Traditional autotrophic microalgae exhibit low rates of organic carbon assimilation and conversion to useful compounds when switching to mixotrophic or heterotrophic growth. The goal of this study was to investigate the effect of inorganic carbon limitation on the efficiency of organic carbon (glycerol) assimilation and conversion to total fatty acids (TFAs) or the long-chain polyunsaturated fatty acid eicosapentaenoic acid (EPA). An oleaginous Monodus subterraneus was selected and six cultivation conditions were set, including Autotrophy-no aeration, Autotrophy-aeration, Mixotrophy-no aeration, Mixotrophy-no aeration & no Na₂CO₃, Mixotrophy-aeration, and Heterotrophy. The results showed M. subterraneus could utilize glycerol and grow under mixotrophic condition, while it was not occurred under heterotrophy. Superiority of mixotrophy to autotrophy on biomass productivity was more obvious under inorganic carbon limitation (no aeration or no Na₂CO₃) than inorganic carbon supply (aeration and existing Na₂CO₃ in the medium). CO₂ limitation (no aeration) decreased content (of dry weight) and production (in medium) of TFAs, which was not evident in mixotrophy. CO₂ limitation and inorganic carbon substrate stress largely improved the COD yield of TFAs and EPA under mixotrophic condition. TFA yield (%COD) under Mixotrophy-no aeration & no Na₂CO₃ was maximum (22.82%), and was almost two-fold higher than that under Mixotrophy-no aeration and nearly three-fold higher than that with Mixotrophy-aeration. EPA yield (% COD) under mixotrophy-no aeration & no Na₂CO₃ was maximum (6.58%). These results suggested that inorganic carbon limitation is a potentially useful method to enhance conversion of organic carbon to TFAs. Furthermore, the results suggest an application to obtain high value compounds (TFAs or EPA) combined with a high assimilation rate of waste glycerol from biodiesel and epichlorohydrin production by microalgae.

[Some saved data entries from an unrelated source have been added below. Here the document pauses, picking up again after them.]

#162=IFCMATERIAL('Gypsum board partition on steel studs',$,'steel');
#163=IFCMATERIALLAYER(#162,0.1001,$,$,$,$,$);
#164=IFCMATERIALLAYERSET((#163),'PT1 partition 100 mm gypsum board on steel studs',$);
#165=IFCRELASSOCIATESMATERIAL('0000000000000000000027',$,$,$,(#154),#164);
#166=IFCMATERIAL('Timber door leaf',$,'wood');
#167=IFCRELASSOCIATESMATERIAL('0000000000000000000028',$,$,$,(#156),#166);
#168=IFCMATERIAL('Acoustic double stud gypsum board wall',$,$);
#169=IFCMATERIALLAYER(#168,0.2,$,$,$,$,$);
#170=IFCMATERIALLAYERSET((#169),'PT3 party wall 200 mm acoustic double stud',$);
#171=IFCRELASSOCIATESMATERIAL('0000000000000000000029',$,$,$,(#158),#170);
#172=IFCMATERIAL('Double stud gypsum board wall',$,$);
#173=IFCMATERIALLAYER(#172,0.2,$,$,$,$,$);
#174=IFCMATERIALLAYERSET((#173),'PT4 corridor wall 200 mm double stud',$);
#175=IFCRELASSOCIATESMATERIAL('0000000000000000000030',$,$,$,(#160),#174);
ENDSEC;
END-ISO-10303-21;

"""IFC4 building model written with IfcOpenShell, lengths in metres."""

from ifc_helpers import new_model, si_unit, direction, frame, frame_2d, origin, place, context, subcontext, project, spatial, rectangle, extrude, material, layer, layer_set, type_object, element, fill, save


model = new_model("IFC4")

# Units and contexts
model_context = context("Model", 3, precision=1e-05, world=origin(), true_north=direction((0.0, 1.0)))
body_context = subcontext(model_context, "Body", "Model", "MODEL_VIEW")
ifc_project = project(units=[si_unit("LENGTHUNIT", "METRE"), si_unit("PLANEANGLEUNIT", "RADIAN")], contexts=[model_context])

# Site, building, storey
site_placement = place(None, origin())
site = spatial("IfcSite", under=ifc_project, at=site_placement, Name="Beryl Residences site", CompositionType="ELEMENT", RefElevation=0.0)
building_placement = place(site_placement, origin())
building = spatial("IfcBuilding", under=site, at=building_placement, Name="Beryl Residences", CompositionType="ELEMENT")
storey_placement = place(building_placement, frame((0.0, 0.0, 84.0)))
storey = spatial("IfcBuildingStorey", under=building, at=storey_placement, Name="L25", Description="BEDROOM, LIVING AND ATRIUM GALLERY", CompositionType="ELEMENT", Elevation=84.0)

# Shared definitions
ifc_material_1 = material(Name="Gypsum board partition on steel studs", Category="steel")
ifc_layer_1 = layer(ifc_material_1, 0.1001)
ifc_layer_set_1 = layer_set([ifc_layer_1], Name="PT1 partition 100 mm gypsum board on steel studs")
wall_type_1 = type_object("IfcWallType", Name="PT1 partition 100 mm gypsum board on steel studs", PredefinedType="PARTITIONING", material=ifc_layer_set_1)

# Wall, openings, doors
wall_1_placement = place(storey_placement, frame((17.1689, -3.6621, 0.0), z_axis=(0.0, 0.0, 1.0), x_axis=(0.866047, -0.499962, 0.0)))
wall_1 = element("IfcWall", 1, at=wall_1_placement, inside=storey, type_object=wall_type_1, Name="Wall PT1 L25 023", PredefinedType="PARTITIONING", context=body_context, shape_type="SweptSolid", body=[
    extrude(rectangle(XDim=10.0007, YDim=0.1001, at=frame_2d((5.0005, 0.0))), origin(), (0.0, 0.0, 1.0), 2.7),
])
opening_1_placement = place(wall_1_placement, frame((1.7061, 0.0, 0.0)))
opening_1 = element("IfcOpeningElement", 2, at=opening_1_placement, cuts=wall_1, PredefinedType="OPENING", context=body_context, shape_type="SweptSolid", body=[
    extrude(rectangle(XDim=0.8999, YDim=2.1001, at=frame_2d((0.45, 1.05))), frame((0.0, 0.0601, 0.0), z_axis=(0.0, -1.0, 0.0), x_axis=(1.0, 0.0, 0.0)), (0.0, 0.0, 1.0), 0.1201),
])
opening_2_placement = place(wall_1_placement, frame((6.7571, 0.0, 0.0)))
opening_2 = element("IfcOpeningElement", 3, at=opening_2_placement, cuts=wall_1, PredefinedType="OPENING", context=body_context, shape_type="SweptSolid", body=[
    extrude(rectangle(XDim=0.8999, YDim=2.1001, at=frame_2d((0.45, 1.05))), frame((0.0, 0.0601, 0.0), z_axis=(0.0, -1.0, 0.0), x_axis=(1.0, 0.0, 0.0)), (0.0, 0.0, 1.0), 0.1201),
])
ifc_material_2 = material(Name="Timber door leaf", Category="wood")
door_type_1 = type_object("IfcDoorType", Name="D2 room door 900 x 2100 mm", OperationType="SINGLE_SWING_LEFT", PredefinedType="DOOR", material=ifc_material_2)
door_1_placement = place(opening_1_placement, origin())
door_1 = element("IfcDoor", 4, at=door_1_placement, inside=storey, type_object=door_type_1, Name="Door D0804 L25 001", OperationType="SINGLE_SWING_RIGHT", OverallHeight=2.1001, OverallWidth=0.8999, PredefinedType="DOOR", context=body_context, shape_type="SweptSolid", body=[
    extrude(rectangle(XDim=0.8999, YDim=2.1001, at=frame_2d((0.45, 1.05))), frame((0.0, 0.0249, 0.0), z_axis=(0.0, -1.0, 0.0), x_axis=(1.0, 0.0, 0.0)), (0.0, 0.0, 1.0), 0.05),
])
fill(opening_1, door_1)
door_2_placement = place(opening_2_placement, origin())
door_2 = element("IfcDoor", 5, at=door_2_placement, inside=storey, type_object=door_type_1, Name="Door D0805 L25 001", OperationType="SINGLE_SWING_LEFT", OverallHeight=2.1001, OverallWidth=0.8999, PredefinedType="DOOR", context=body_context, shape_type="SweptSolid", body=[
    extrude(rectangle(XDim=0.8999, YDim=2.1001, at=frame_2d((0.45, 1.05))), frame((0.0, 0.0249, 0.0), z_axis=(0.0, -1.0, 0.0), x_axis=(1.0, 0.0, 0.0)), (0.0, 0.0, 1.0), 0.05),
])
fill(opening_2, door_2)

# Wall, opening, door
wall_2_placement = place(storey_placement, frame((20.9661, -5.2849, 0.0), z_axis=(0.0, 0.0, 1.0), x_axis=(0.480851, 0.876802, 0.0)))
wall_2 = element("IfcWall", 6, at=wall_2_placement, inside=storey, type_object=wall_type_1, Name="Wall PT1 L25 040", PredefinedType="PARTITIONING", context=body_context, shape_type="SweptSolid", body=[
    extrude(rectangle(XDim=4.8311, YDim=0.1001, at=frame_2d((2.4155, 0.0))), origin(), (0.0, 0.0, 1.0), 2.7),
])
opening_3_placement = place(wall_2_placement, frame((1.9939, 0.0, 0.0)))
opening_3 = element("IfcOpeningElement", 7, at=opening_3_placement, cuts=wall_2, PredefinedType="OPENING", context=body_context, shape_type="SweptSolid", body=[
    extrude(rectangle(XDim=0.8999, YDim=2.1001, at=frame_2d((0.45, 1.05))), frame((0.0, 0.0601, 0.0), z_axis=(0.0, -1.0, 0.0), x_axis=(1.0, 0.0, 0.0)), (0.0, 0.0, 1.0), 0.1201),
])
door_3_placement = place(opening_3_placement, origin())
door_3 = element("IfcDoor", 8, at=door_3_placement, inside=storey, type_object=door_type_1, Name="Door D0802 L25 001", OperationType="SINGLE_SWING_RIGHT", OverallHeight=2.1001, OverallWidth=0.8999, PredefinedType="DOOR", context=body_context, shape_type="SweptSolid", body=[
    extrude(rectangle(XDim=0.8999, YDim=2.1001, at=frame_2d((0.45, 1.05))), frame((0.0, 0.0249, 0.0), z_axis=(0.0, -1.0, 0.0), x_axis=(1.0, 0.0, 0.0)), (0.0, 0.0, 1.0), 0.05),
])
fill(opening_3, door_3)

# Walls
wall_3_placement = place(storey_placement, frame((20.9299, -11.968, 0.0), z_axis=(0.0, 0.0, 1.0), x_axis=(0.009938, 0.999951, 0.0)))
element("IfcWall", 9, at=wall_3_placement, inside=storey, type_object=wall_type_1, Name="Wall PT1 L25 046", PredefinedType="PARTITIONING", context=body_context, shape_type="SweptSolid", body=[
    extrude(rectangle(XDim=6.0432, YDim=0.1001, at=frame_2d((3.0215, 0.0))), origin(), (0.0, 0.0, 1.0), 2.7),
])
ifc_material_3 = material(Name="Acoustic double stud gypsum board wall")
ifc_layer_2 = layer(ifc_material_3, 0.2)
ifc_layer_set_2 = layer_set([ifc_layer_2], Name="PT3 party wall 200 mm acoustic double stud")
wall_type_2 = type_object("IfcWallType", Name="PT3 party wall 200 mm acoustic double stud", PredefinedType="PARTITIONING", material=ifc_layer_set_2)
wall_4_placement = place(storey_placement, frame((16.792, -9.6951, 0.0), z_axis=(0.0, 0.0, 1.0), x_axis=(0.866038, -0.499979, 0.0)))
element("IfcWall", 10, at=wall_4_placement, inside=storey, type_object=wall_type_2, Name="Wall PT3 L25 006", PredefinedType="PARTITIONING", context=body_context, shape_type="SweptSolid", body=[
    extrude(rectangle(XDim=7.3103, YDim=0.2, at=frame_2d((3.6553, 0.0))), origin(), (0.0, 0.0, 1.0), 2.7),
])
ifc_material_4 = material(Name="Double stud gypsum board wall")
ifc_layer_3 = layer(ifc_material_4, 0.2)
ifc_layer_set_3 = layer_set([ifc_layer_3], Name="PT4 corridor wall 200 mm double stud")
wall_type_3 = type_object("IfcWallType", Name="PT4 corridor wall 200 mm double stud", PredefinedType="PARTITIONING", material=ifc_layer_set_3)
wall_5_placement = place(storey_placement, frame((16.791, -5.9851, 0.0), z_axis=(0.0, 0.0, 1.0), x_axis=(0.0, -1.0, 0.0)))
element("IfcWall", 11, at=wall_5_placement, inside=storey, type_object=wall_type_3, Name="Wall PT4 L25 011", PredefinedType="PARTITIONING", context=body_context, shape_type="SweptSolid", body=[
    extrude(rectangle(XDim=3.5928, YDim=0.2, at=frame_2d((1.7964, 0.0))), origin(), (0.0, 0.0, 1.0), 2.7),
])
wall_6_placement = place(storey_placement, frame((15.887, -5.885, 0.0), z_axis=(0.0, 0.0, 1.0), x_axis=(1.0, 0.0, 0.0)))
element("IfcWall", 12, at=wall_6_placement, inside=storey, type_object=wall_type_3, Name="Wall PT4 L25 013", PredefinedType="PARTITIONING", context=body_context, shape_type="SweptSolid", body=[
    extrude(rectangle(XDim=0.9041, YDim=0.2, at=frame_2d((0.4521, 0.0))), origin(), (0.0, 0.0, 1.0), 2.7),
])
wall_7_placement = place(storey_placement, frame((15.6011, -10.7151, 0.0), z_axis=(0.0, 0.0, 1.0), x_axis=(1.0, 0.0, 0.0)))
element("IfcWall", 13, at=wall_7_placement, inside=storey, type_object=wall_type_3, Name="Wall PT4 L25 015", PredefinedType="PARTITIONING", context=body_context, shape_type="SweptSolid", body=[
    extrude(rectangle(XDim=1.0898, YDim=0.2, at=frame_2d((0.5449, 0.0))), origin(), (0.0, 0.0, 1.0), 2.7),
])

Different DHA or EPA production responses to nutrient stress in the marine microalga Tisochrysis lutea and the freshwater microalga Monodus subterraneus

This study investigated the effect of nitrogen (N) and phosphorous (P) stress on the production of DHA or EPA and total fatty acids (TFAs) in the marine microalga Tisochrysis lutea and the freshwater microalga Monodus subterraneus. Five N or P starvation/limitation conditions (N sufficient and P limited, N sufficient and P starved, N starved and P sufficient, N starved and P limited, and N and P starved) and one N and P sufficient condition (control) were studied. The results demonstrated that the proportion of DHA or EPA among TFAs and production in the microalgae suspensions decreased (57%, 73% for N stress and 18%, 51% for P stress, respectively) under N or P stress in both microalgae compared with the N and P sufficient group. Differently, DHA dry weight content of T. lutea decreased significantly, and EPA dry weight content of M. subterraneus decreased slightly under N starved conditions. Clear differences in TFA content/production and the relationship between TFA and DHA or EPA production/content and CO₂ fixation were observed between the two microalgae. These results give a new sight on the difference between marine microalgae and freshwater microalgae. Meanwhile, it gave a potential application to produce DHA or EPA and TFA combining with CO₂ fixation by these microalgae.